Privacy has a long tradition in modern Germany. In 1983 the German government wanted to organize a census and drafted a law for this census. People protested against this law in front of Germany’s highest court Bundesverfassungsgericht (“federal constitutional court”). The court did not only stop the census but went much further and did something which has never happened before in German history: the court created a new civil right directly derived from the other civil rights. The civil right on “informationelle Selbstbestimmung” (“informational self-determination”). I quote verbatim the new civil right directly from the verdict:

Das Grundrecht gewährleistet insoweit die Befugnis des Einzelnen, grundsätzlich selbst über die Preisgabe und Verwendung seiner persönlichen Daten zu bestimmen. (in English: “This basic right warrants in this respect the capacity of the individual to determine in principle the disclosure and use of his/her personal data.”)

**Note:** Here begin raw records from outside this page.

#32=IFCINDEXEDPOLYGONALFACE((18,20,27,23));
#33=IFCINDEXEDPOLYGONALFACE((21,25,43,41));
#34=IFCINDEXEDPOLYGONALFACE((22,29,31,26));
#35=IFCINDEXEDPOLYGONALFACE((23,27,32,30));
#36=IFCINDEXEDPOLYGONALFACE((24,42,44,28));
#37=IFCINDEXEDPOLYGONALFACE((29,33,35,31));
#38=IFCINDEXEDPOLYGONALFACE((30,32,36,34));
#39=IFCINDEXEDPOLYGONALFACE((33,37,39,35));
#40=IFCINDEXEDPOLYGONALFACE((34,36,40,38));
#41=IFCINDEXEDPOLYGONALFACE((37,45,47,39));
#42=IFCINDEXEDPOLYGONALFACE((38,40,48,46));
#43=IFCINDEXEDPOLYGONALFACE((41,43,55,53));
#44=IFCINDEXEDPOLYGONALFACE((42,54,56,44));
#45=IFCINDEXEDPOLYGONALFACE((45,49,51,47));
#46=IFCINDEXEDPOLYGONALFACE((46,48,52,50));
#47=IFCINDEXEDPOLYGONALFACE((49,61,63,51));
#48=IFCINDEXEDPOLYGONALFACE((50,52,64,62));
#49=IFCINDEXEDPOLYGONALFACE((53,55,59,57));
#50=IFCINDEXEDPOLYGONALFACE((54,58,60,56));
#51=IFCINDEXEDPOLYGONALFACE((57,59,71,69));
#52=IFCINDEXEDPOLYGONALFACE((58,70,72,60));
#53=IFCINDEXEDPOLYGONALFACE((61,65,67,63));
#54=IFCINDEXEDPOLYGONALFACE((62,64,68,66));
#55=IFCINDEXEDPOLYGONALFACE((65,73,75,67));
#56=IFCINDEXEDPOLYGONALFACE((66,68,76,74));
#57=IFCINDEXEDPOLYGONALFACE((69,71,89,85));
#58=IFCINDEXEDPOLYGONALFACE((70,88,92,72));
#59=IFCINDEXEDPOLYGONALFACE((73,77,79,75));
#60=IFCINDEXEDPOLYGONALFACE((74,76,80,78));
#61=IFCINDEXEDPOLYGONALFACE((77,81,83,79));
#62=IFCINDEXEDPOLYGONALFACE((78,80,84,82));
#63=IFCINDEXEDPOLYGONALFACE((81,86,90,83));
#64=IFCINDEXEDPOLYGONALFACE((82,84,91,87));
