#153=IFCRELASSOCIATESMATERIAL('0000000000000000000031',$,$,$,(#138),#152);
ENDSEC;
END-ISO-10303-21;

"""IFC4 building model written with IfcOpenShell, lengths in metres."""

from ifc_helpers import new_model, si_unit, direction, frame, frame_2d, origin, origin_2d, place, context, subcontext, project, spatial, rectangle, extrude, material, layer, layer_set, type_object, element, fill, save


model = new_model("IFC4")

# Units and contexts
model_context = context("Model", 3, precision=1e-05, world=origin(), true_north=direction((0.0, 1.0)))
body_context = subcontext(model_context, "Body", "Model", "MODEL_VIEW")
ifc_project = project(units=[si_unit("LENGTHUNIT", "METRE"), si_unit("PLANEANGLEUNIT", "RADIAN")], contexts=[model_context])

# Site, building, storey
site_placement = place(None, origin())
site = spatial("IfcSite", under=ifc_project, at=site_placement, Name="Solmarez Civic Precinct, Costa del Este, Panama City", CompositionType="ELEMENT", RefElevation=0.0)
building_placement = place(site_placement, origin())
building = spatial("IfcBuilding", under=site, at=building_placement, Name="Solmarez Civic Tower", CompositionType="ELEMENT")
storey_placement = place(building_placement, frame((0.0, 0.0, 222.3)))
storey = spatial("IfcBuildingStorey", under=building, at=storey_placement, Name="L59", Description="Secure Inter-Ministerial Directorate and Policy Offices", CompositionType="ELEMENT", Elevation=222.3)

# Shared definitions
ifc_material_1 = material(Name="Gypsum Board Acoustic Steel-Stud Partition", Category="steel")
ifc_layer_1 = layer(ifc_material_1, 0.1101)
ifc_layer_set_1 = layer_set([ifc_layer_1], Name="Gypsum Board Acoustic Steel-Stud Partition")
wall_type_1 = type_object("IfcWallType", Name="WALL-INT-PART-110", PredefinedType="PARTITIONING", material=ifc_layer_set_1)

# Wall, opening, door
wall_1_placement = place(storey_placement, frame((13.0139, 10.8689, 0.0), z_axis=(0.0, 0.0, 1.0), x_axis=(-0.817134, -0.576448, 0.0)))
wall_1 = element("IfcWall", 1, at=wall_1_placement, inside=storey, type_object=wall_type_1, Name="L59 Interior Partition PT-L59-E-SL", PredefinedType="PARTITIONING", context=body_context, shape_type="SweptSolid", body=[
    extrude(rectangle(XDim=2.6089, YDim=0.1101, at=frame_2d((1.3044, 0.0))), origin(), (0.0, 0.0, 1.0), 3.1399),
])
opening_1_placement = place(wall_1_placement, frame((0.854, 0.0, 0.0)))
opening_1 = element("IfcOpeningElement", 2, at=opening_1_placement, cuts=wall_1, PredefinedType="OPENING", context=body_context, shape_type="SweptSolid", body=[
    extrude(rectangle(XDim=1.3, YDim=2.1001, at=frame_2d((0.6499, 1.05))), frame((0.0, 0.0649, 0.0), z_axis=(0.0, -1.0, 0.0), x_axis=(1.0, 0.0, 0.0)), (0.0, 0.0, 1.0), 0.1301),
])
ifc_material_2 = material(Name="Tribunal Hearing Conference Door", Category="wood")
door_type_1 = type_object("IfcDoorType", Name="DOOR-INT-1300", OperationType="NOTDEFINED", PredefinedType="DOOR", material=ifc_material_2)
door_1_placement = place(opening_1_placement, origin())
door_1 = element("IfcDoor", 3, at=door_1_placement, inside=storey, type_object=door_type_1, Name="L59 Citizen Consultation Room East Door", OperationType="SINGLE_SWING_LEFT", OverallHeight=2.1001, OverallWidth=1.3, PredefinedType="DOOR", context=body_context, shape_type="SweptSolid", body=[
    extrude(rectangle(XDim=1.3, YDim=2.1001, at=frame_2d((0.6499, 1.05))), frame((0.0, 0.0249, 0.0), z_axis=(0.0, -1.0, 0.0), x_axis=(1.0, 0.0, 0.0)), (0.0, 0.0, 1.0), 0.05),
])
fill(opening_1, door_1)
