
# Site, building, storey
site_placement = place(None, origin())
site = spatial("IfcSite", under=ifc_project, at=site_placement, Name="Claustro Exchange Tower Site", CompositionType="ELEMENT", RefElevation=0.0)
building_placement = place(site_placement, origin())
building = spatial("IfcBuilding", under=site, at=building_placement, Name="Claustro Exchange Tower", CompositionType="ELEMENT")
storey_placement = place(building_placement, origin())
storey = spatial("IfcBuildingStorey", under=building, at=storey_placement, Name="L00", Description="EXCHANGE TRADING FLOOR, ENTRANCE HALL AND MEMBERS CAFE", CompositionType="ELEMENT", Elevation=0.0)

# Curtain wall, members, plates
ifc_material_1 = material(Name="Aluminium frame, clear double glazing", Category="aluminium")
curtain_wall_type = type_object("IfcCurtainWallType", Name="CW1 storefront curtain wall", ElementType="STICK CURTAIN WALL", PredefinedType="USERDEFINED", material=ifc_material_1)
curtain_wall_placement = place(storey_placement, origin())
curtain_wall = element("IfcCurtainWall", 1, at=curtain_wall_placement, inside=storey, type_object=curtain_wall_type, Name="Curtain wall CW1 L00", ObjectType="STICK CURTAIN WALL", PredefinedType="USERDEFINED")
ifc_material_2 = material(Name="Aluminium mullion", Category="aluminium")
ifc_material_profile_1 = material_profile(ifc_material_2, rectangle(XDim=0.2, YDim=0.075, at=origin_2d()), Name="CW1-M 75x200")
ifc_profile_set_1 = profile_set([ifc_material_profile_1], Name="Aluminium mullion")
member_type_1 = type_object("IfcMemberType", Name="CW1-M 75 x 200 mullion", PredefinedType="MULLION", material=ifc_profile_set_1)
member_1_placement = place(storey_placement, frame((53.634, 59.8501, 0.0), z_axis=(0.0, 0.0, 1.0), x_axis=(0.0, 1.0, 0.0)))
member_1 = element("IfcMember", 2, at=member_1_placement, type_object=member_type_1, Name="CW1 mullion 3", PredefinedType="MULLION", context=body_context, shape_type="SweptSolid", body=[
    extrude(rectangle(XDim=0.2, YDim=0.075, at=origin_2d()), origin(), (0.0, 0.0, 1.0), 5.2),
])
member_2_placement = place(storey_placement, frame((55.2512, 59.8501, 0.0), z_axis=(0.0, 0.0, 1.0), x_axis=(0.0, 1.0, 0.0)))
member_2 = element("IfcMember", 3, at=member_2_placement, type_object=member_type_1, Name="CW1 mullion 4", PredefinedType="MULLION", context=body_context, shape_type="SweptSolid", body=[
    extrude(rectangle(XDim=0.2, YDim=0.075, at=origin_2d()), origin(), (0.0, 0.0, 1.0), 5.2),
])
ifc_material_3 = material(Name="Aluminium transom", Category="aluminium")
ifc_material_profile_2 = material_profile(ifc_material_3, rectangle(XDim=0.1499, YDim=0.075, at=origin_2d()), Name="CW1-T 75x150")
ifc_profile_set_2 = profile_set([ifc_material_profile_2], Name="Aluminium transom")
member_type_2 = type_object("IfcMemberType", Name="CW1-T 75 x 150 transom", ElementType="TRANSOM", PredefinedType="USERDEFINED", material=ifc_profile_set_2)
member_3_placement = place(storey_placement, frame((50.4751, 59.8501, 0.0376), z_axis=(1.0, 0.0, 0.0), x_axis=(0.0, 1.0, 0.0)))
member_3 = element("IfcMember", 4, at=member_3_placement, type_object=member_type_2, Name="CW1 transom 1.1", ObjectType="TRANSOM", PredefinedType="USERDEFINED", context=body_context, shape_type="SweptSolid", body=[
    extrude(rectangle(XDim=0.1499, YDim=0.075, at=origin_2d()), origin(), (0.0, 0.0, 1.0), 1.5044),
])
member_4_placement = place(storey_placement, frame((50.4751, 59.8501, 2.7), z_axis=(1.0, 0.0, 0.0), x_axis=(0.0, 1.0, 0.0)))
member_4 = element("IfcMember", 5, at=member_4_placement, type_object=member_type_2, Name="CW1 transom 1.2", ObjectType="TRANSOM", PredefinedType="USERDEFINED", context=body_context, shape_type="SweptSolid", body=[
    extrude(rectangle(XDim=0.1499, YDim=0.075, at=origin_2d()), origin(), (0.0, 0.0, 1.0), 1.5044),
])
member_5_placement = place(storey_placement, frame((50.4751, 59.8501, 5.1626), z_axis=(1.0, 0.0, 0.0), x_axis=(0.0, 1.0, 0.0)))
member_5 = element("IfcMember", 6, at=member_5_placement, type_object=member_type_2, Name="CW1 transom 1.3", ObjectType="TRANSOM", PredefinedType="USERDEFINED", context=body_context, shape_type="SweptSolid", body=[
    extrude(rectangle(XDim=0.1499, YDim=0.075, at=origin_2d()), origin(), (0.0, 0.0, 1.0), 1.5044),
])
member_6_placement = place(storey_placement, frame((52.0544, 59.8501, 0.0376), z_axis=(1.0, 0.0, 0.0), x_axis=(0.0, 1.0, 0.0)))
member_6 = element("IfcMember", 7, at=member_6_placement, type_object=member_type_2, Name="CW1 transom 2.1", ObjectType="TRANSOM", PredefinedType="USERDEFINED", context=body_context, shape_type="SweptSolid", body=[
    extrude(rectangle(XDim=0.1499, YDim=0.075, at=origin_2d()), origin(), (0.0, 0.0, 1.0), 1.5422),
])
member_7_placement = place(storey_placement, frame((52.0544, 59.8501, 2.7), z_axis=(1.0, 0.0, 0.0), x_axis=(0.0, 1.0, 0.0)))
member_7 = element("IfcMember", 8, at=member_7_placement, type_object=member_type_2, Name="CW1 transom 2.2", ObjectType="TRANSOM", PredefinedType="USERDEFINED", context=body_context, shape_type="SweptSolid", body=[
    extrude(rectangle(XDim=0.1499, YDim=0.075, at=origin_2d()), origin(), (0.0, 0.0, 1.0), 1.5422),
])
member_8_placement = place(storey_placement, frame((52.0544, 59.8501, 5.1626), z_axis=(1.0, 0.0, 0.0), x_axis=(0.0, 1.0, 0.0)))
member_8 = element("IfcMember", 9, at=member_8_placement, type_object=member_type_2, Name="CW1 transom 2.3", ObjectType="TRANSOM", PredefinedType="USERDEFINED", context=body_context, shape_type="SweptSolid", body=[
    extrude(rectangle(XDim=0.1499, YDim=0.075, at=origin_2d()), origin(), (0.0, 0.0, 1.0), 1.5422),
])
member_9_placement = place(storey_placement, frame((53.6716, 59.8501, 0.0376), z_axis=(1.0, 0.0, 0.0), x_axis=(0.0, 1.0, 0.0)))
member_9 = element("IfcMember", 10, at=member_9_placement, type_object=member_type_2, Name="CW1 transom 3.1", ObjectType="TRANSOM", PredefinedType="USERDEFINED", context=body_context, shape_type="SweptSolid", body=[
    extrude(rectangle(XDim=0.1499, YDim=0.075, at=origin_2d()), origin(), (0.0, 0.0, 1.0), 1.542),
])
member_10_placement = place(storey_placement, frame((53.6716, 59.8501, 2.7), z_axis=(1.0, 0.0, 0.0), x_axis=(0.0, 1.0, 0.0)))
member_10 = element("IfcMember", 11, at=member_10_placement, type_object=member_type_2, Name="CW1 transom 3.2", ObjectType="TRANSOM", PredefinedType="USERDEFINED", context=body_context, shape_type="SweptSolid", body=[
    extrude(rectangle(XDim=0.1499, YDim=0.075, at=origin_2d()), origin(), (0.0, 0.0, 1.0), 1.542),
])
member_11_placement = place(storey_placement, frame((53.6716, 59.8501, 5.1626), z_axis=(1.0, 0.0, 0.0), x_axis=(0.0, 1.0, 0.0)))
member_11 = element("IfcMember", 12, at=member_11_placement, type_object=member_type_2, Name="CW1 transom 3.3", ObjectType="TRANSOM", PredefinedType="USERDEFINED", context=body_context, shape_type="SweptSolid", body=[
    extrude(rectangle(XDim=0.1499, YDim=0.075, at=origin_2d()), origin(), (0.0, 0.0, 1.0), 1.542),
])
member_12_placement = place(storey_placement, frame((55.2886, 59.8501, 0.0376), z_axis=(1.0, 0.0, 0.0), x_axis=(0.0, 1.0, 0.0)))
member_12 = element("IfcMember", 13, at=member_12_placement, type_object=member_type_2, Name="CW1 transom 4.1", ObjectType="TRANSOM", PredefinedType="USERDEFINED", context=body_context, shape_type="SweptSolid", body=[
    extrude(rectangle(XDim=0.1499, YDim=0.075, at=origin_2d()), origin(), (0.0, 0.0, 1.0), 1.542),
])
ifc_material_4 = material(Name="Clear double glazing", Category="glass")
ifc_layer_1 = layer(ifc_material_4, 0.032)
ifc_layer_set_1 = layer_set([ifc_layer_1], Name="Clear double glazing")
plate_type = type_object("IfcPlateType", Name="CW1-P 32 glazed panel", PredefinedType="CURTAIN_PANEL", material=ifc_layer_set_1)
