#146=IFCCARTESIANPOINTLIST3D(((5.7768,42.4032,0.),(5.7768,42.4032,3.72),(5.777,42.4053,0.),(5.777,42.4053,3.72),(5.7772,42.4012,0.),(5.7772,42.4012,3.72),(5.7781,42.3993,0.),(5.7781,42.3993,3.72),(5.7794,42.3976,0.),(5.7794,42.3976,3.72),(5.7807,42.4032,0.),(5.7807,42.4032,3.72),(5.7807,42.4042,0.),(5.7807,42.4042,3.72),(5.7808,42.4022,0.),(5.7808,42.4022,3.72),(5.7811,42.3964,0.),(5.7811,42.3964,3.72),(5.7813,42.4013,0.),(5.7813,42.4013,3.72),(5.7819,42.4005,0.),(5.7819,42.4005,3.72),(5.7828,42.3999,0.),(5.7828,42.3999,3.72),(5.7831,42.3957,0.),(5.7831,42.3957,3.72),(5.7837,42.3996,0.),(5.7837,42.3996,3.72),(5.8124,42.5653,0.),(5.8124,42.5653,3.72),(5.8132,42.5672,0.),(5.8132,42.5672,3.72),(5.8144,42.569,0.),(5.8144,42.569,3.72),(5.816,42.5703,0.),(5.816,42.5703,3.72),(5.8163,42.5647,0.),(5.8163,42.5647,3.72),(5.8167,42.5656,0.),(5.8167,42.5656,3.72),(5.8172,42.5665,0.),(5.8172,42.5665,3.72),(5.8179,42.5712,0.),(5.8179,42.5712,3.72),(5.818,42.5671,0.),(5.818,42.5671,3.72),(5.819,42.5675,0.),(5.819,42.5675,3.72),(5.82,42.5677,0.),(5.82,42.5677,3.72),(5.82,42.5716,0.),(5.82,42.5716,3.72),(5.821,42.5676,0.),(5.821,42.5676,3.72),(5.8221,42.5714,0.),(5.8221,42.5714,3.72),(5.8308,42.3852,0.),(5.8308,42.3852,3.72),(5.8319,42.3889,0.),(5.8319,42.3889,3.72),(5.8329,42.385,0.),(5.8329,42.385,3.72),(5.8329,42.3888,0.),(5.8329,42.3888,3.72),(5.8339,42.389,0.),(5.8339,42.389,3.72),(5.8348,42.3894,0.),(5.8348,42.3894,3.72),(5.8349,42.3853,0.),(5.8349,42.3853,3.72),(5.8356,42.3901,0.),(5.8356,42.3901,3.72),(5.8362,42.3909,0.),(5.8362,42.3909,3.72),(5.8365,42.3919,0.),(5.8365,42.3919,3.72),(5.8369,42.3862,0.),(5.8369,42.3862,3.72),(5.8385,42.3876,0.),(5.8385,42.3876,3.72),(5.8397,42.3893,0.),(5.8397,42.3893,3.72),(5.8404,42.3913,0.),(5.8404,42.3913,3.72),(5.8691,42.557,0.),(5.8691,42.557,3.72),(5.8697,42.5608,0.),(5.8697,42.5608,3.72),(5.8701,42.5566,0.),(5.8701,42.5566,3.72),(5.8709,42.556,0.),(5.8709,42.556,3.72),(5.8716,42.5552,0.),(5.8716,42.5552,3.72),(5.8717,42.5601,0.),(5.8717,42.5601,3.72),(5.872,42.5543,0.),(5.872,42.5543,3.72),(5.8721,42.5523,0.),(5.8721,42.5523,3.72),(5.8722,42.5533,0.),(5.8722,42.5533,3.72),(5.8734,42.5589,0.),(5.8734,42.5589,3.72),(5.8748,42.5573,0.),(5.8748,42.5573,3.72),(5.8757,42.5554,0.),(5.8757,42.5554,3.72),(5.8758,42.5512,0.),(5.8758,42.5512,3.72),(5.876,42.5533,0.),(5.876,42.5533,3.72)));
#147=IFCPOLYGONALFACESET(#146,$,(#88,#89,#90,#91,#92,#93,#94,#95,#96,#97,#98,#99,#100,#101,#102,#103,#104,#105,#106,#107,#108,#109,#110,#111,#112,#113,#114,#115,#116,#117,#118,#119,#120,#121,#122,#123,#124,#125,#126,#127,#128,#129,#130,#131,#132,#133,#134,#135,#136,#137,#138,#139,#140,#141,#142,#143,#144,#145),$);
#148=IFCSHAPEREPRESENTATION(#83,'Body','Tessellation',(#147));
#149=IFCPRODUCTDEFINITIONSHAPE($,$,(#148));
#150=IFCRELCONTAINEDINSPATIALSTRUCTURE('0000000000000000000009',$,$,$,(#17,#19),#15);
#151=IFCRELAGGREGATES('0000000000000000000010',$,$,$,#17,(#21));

Furthermore I want to quote one part of the verdict as it’s rather important in the current discussion about governmental surveillance:

Wer nicht mit hinreichender Sicherheit überschauen kann, welche ihn betreffende Informationen in bestimmten Bereichen seiner sozialen Umwelt bekannt sind, und wer das Wissen möglicher Kommunikationspartner nicht einigermaßen abzuschätzen vermag, kann in seiner Freiheit wesentlich gehemmt werden, aus eigener Selbstbestimmung zu planen oder zu entscheiden. Mit dem Recht auf informationelle Selbstbestimmung wären eine Gesellschaftsordnung und eine diese ermöglichende Rechtsordnung nicht vereinbar, in der Bürger nicht mehr wissen können, wer was wann und bei welcher Gelegenheit über sie weiß. Wer unsicher ist, ob abweichende Verhaltensweisen jederzeit notiert und als Information dauerhaft gespeichert, verwendet oder weitergegeben werden, wird versuchen, nicht durch solche Verhaltensweisen aufzufallen. Wer damit rechnet, daß etwa die Teilnahme an einer Versammlung oder einer Bürgerinitiative behördlich registriert wird und daß ihm dadurch Risiken entstehen können, wird möglicherweise auf eine Ausübung seiner entsprechenden Grundrechte (Art 8, 9 GG) verzichten. Dies würde nicht nur die individuellen Entfaltungschancen des Einzelnen beeinträchtigen, sondern auch das Gemeinwohl, weil Selbstbestimmung eine elementare Funktionsbedingung eines auf Handlungsfähigkeit und Mitwirkungsfähigkeit seiner Bürger begründeten freiheitlichen demokratischen Gemeinwesens ist.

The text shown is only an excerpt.